They want to provide the right data and the right tools to the right people to make the right decisions. They don't want to be the referee who's blowing the whistle at the end of the day; who's not signing the contract. So, we've seen this shift. 

The changing eras of the modern CFO

Chris, I'm curious, what shift are you seeing in the modern CFO, and how has that role evolved in the last couple of years?


Yeah, I think I’d like to distill it down into 3 different eras. Before the pandemic, finance was the scorekeeper. That was the value proposition that we brought to the business. We used to track how many widgets we will do in the budget. During the pandemic, the CROs, Chief Marketing Officers, and Chief Sales Officers found too much uncertainty and complexity. We didn’t know how to navigate through this. 

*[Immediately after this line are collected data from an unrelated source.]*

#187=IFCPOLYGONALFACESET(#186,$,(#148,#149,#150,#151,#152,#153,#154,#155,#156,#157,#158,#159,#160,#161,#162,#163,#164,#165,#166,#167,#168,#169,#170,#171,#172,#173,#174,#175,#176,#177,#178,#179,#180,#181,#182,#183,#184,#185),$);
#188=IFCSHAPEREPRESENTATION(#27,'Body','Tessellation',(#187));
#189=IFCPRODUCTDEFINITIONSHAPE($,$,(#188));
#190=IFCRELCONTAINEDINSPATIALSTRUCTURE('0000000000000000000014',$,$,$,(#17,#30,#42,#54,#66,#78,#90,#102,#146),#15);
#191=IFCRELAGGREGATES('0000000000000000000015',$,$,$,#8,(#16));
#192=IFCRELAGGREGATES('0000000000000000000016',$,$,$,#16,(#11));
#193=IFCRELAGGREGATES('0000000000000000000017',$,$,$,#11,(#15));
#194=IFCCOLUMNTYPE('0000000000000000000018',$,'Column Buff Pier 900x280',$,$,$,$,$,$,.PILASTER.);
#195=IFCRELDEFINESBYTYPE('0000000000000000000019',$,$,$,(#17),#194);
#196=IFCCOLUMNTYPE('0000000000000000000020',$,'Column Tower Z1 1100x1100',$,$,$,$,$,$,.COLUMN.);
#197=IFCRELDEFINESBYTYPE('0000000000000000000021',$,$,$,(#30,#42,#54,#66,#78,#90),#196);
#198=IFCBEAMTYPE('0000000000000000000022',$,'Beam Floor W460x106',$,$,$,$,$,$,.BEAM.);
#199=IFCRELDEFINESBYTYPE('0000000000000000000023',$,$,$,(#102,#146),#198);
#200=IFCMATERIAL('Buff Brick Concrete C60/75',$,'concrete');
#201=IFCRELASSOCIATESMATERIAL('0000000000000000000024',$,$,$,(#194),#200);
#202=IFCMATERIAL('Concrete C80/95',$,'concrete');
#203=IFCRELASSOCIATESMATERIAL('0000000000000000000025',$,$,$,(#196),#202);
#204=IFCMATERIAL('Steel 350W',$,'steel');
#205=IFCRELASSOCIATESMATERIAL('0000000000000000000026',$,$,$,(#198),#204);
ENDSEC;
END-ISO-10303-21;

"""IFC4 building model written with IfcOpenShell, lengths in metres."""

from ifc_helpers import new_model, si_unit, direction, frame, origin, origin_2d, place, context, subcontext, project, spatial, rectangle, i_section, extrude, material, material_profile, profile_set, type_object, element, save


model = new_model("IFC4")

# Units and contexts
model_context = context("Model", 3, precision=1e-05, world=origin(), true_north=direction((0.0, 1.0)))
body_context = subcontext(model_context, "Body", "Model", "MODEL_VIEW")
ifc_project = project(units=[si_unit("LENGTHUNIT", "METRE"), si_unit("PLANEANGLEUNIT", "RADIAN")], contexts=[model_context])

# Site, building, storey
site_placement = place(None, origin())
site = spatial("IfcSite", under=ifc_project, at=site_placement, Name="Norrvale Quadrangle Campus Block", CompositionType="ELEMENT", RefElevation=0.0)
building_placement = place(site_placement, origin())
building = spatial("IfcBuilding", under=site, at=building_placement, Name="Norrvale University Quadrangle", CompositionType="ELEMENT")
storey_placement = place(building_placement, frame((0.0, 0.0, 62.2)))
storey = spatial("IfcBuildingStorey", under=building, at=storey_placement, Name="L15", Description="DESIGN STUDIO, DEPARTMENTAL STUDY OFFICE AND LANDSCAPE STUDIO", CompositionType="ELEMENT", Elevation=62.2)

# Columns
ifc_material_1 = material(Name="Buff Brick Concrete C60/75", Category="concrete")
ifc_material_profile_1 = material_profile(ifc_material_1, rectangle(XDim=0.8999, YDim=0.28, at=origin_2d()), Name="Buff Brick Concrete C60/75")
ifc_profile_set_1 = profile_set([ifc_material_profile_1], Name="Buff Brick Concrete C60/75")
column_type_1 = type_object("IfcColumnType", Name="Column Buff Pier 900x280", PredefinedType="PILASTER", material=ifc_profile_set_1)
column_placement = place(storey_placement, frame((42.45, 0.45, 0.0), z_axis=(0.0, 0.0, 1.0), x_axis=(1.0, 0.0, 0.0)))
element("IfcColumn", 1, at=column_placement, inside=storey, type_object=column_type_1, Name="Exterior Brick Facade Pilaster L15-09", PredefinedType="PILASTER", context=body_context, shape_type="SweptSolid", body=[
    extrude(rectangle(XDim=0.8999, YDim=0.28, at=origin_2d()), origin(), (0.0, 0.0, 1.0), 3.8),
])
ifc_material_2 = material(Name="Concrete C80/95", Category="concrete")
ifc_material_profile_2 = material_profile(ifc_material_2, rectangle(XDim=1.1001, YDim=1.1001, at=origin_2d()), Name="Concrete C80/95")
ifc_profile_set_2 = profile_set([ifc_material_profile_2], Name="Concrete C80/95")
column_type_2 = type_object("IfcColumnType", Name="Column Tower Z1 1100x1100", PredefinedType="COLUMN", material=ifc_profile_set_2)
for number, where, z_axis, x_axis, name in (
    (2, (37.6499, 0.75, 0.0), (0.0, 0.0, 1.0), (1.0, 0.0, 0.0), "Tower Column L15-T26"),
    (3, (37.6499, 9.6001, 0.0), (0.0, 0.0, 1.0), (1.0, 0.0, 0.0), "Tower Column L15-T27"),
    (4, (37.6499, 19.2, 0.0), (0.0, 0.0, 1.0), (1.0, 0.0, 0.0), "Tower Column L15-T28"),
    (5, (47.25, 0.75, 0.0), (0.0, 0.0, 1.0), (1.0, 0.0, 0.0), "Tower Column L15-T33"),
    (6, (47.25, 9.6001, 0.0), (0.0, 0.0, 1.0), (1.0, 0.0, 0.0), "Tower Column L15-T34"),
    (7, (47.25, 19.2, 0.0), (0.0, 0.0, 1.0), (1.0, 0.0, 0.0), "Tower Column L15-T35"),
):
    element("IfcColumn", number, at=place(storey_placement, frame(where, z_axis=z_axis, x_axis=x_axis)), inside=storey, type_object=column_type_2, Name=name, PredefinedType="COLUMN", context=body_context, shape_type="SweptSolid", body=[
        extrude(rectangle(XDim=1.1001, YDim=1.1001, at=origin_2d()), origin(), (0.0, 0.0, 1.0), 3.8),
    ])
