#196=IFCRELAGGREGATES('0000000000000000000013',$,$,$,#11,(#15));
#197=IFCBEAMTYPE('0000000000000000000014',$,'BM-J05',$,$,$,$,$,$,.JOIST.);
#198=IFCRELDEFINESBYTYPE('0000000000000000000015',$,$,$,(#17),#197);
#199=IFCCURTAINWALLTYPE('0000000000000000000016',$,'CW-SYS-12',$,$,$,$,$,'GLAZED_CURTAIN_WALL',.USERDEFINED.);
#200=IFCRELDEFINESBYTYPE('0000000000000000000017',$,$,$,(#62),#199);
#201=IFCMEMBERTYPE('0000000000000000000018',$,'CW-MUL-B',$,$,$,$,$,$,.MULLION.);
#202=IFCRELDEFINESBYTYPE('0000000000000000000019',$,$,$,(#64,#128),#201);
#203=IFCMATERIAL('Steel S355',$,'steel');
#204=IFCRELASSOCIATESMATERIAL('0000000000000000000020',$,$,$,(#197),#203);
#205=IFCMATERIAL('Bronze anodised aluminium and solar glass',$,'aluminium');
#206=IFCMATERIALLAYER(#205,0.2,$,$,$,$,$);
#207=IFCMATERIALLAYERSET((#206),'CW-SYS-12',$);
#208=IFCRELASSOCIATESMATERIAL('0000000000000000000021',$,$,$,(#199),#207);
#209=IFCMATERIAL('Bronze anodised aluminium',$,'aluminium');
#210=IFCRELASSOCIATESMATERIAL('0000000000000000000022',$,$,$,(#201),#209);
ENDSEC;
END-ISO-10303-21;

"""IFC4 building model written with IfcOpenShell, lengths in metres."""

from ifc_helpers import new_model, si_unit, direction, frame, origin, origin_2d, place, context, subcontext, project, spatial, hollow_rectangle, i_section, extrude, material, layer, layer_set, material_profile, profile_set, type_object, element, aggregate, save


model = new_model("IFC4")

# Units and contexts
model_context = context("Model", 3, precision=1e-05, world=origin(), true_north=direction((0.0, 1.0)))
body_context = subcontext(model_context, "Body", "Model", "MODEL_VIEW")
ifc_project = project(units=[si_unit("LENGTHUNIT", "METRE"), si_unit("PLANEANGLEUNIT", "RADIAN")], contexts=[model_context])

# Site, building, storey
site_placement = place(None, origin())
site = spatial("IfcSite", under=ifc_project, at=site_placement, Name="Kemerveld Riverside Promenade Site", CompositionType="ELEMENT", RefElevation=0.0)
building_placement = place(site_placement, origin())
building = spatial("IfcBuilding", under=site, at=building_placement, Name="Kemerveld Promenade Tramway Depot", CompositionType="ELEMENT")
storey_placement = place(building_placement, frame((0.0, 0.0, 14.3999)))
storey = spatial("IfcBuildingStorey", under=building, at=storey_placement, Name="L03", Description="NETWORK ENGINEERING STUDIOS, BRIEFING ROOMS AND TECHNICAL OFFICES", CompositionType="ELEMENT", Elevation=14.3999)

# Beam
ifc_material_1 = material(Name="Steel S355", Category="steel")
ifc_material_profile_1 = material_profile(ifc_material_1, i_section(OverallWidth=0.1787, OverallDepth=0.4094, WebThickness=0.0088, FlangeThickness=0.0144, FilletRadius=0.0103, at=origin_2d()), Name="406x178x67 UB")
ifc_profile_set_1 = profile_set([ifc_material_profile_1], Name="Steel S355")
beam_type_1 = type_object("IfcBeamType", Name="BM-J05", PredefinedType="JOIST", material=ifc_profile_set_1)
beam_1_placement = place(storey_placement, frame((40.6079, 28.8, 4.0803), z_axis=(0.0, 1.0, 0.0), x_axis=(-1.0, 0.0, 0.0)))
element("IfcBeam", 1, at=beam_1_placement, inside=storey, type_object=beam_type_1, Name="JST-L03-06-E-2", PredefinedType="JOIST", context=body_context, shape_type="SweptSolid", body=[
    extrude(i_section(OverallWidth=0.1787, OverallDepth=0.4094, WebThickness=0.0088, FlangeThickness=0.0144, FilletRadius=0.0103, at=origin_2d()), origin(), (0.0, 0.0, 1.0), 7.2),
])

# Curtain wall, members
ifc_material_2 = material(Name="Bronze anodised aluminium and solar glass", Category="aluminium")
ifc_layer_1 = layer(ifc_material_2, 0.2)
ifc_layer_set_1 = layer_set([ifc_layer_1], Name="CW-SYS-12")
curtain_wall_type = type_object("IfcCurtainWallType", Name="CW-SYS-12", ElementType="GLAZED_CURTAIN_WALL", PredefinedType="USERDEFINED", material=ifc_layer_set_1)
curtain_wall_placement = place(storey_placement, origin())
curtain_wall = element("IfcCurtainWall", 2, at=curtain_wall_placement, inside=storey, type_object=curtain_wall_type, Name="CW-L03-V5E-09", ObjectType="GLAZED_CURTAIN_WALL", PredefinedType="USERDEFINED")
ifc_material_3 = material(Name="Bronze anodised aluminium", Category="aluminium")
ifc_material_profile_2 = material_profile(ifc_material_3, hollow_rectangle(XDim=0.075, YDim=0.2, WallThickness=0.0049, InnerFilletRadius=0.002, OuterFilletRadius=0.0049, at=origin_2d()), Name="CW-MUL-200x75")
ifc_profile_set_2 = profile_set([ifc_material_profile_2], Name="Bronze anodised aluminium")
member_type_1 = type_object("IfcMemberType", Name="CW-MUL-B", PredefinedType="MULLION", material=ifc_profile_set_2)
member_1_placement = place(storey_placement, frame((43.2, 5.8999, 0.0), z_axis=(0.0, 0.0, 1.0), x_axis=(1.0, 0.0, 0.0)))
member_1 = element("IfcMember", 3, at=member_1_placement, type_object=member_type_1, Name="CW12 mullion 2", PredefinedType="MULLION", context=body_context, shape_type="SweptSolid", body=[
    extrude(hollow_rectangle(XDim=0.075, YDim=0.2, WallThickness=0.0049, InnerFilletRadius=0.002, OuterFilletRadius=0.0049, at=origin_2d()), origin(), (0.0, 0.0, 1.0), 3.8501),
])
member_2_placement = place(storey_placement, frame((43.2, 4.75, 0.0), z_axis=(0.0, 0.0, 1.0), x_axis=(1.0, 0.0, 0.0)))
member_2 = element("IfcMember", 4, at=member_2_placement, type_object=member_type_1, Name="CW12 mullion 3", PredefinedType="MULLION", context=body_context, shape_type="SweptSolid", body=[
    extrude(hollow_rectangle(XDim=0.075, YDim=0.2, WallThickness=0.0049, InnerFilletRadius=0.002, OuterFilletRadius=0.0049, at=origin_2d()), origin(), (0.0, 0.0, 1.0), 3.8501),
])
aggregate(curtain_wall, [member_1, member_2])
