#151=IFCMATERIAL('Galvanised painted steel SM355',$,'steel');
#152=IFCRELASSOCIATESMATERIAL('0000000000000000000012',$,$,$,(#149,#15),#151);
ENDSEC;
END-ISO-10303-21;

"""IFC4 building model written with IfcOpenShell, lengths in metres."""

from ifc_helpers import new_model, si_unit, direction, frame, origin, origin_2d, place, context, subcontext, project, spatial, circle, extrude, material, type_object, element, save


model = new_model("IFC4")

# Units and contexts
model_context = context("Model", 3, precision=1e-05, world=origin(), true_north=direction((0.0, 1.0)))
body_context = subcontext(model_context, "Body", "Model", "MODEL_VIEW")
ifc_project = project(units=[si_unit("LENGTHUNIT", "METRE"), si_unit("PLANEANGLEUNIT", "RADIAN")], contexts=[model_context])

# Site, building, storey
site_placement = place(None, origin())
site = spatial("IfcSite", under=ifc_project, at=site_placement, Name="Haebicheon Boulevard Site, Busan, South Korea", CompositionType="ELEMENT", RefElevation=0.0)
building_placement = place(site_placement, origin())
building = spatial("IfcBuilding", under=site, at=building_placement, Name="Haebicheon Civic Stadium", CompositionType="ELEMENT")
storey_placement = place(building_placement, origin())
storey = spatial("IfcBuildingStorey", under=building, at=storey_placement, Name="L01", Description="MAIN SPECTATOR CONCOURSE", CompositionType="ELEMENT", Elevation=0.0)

That's where the office of the modern CFO stepped up. We took the reins. We were great collaborators. We were great communicators. We helped connect the business. We helped drive clarity in a lot of chaos, and most importantly we built a community. With that second era, the business baseline is already established for the third era that we're walking into.

The business now expects the office of the CFO to have a lot of these intangible skills. They want the CFOs of the future to speak the business language, tell a story, collaborate, and help navigate through uncertainty. 

A change from CFO-No to CFO-Go


Traditionally, the office of the CFO is the supply. We are not technology adopters. We're not the ones that are thinking about process automatization. We're not developing high partnerships. We're not looking at those six core pillars of transformation. Now we've got this gap. The business domain is here. The office of the CFO traditionally has this supply. 

“When demand is higher than supply, that is a premium. So now there's a premium being established for the office of the CFO and this is where we have an opportunity to leave a tremendous legacy. This is where the new baseline of what the office of the CFO is going to be.”

I just attended a conference in LA. It's no more about being the CFO-No it's about being the CFO-Go. We're not the Chief Financial Officers. We are the Chief Future Officers. The biggest change in the office of the CFO is that we need to bring clarity to operations. That is the new definition of the CFO. So those are the different evolutionary periods of the CFO. 


Yeah, that makes sense. I love the idea of the Chief Future Officer. It's super powerful and the supply-demand is now available. People and businesses every day are looking for that CFO, VP of Finance, or Director of Finance who can take them one step further. What that implies is your sales is making better decisions, your marketing is making better decisions, and your customer success is making better decisions because of the platform that the office of the CFO can provide to all of them. That's fantastic. 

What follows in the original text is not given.